I was asked to make a vessel for her mother’s ashes. There was never any question that I would make one. It was an honor. A privilege to be a part of this last journey. I had known her mother all my life. She had cared for me as a child. She was my neighbor. And throughout my career as a Potter, she had been a great supporter of my work. Her daughter told me there was never any question that she wanted me to make this vessel. She was confident that whatever I made would be reflective of her mom. I may have physically crafted this vessel but it’s design came from her spirit watching over the entire process. I was completely unaware of this while making the piece. It flowed together over the days and when I finished and really looked at it for the first time, I knew she had been with me all along . A girl who always had sand in her shoes and a seashell in her pocket.

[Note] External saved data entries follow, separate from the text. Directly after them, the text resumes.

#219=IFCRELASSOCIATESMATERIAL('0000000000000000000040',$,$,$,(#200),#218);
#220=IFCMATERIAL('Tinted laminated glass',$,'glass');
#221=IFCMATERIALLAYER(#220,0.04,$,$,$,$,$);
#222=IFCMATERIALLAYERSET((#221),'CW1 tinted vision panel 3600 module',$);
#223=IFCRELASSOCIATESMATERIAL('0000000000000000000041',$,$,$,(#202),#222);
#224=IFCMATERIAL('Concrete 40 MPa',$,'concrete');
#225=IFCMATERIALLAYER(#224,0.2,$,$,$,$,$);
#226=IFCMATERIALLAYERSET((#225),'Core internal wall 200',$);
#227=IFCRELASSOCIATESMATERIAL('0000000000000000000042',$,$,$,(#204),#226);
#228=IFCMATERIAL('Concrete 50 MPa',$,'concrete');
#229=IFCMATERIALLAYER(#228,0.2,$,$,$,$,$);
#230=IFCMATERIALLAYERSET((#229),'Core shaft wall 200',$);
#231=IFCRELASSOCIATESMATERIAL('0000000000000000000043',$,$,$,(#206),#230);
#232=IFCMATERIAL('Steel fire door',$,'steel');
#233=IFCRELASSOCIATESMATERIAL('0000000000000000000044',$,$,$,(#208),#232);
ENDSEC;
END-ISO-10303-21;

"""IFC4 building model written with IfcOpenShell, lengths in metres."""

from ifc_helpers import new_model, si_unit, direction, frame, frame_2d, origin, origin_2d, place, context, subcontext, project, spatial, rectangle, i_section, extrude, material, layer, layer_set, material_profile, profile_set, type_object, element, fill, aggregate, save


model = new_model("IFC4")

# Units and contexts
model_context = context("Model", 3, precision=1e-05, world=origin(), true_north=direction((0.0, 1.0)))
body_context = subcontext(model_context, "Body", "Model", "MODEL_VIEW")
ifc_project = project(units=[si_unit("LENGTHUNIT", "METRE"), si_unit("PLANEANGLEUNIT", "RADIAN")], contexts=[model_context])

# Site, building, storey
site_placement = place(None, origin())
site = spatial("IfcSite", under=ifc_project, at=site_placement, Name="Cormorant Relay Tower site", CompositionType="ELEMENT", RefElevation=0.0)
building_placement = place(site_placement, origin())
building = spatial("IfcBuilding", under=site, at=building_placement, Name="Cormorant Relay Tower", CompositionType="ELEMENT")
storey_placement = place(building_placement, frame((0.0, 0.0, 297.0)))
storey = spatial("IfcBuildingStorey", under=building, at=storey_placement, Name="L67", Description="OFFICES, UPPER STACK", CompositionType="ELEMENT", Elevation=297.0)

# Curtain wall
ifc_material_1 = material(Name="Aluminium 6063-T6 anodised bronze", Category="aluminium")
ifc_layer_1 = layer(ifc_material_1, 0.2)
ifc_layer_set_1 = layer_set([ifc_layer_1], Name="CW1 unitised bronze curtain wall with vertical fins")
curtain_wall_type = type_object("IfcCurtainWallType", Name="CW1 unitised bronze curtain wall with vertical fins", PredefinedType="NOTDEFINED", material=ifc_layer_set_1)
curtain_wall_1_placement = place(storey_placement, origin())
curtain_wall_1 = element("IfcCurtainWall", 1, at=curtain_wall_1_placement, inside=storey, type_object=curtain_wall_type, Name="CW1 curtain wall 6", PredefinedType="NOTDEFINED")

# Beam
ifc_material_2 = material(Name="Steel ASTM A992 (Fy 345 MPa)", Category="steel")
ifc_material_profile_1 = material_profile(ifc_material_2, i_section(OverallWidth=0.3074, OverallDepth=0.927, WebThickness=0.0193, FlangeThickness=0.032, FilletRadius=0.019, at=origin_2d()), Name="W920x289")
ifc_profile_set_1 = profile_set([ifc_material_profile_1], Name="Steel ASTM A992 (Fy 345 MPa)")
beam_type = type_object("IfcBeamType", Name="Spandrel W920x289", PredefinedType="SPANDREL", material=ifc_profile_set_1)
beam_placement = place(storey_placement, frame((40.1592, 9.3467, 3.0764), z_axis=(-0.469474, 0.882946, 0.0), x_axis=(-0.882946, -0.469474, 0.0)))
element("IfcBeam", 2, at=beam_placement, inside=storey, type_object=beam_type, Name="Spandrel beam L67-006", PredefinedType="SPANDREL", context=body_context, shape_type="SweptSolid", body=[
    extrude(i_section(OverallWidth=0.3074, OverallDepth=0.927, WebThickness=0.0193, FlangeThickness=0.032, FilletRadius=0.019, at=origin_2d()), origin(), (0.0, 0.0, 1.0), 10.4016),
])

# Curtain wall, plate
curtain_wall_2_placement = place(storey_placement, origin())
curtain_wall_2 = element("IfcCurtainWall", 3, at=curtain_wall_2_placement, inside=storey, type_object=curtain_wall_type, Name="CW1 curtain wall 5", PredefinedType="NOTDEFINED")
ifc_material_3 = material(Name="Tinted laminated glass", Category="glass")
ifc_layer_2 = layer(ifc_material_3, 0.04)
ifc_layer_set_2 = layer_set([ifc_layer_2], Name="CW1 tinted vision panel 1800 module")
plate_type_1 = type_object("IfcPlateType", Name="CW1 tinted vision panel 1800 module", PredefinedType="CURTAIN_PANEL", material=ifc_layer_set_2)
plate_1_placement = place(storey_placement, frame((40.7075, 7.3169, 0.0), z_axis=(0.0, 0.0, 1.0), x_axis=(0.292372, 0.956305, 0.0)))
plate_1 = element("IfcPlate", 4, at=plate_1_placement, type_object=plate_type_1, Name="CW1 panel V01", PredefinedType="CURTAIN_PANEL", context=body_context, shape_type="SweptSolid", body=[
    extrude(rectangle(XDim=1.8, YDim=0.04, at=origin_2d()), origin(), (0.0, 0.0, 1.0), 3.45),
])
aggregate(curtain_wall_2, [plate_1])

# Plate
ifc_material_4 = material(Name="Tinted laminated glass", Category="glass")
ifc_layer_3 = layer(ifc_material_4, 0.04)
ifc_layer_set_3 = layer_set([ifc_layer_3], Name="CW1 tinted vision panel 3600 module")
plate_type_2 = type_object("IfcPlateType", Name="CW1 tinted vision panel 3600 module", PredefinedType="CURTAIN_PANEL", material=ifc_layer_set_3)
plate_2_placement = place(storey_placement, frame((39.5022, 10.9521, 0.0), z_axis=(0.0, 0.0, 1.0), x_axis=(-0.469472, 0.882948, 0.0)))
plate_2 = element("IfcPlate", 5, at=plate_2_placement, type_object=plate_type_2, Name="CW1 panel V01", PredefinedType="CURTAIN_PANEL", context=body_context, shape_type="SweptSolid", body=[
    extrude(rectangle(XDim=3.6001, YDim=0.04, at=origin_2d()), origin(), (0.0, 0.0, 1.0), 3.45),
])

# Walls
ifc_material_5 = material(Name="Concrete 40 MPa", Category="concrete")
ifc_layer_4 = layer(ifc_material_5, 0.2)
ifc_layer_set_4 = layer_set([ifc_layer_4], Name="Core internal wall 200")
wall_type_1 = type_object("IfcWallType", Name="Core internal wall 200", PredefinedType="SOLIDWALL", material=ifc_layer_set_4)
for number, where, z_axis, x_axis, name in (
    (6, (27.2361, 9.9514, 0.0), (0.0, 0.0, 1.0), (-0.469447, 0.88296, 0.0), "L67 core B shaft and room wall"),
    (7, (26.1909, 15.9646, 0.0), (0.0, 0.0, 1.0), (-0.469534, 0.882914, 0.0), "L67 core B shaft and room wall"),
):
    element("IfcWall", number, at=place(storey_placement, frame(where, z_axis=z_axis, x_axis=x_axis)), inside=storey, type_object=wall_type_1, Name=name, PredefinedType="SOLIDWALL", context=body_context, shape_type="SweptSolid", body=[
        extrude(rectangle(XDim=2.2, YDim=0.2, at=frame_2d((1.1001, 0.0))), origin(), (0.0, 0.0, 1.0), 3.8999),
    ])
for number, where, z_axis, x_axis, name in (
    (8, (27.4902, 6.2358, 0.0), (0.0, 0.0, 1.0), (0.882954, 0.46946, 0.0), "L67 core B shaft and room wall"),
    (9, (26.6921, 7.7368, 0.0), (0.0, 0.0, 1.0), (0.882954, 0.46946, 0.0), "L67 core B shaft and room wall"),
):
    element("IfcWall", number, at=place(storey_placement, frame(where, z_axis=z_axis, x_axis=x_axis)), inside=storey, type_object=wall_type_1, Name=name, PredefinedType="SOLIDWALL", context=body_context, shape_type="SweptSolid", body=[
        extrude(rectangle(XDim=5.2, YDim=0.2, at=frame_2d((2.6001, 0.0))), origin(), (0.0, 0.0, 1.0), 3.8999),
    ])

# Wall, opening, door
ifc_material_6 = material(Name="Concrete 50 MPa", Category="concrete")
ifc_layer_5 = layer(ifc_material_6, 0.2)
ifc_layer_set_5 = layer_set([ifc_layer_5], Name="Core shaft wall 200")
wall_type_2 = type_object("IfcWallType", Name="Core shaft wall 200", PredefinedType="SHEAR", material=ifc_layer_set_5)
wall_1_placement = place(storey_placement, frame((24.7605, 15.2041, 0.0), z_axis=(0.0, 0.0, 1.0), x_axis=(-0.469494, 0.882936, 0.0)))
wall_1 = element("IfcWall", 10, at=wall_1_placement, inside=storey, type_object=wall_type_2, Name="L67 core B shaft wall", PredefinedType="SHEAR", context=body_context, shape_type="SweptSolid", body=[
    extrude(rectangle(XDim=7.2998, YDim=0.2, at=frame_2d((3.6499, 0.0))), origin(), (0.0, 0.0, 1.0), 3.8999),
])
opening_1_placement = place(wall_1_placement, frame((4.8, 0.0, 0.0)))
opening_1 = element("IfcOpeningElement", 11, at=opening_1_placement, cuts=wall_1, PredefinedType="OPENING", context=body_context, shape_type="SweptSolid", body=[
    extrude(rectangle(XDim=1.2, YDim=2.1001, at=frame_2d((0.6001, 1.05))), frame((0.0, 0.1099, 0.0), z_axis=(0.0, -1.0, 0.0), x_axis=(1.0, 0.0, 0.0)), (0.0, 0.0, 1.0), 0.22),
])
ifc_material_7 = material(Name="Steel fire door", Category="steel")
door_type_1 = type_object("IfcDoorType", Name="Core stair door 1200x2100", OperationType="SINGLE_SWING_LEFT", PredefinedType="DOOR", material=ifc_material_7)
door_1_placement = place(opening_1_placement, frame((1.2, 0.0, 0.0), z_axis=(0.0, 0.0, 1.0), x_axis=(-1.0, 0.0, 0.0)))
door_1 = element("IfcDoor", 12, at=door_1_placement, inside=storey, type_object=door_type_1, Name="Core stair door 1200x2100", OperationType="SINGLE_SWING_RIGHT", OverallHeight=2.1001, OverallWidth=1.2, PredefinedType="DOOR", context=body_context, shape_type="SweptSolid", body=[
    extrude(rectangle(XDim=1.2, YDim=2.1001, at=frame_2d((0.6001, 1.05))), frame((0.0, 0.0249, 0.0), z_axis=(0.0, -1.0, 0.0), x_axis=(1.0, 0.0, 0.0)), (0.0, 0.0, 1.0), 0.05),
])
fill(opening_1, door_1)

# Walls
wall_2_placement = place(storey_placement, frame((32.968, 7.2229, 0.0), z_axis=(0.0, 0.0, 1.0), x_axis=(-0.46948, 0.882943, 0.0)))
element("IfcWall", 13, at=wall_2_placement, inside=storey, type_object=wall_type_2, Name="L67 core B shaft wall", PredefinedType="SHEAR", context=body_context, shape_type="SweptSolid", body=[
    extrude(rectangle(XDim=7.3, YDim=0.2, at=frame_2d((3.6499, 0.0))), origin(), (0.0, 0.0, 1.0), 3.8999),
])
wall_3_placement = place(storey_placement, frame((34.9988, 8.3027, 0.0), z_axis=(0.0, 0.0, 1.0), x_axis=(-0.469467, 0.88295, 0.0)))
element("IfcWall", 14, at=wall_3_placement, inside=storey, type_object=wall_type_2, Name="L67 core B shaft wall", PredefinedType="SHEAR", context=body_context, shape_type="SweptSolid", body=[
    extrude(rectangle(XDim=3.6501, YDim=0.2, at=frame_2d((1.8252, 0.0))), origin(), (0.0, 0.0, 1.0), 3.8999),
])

“”I am made of Potter’s thoughts. When I break, I will be gone.” John Neis, Potter, Pennsylvania 1785-1867
I love this quote. I have it hanging up in my studio. It gives me a pause each time I read it. What are my thoughts? What am I thinking each time I make a piece? Do my hands translate them into the piece? When the pot breaks will my thoughts be gone? Where? I think my hands have memory. Memories of every pot I have ever made go into each successive piece. So as long as I am making pottery, my thoughts remain.
I just wanna be a mermaid! No more bad hair days because there would be no frizz under water. And think how light one would feel being buoyant. You wouldn’t have to figure out what to wear every day. No uncomfortable undergarments. Need I say more?
As Juno leaves Neptune arrived! I am wondering how the Snowy Owl out on Sandy Neck has faired. I could not stop thinking about him/her as the storm raged once more. I’m huddling in my studio as the wind howls and the snow flies by. I hope the Owl is hunkered down out there. Perhaps it feels more at home in this weather than I do!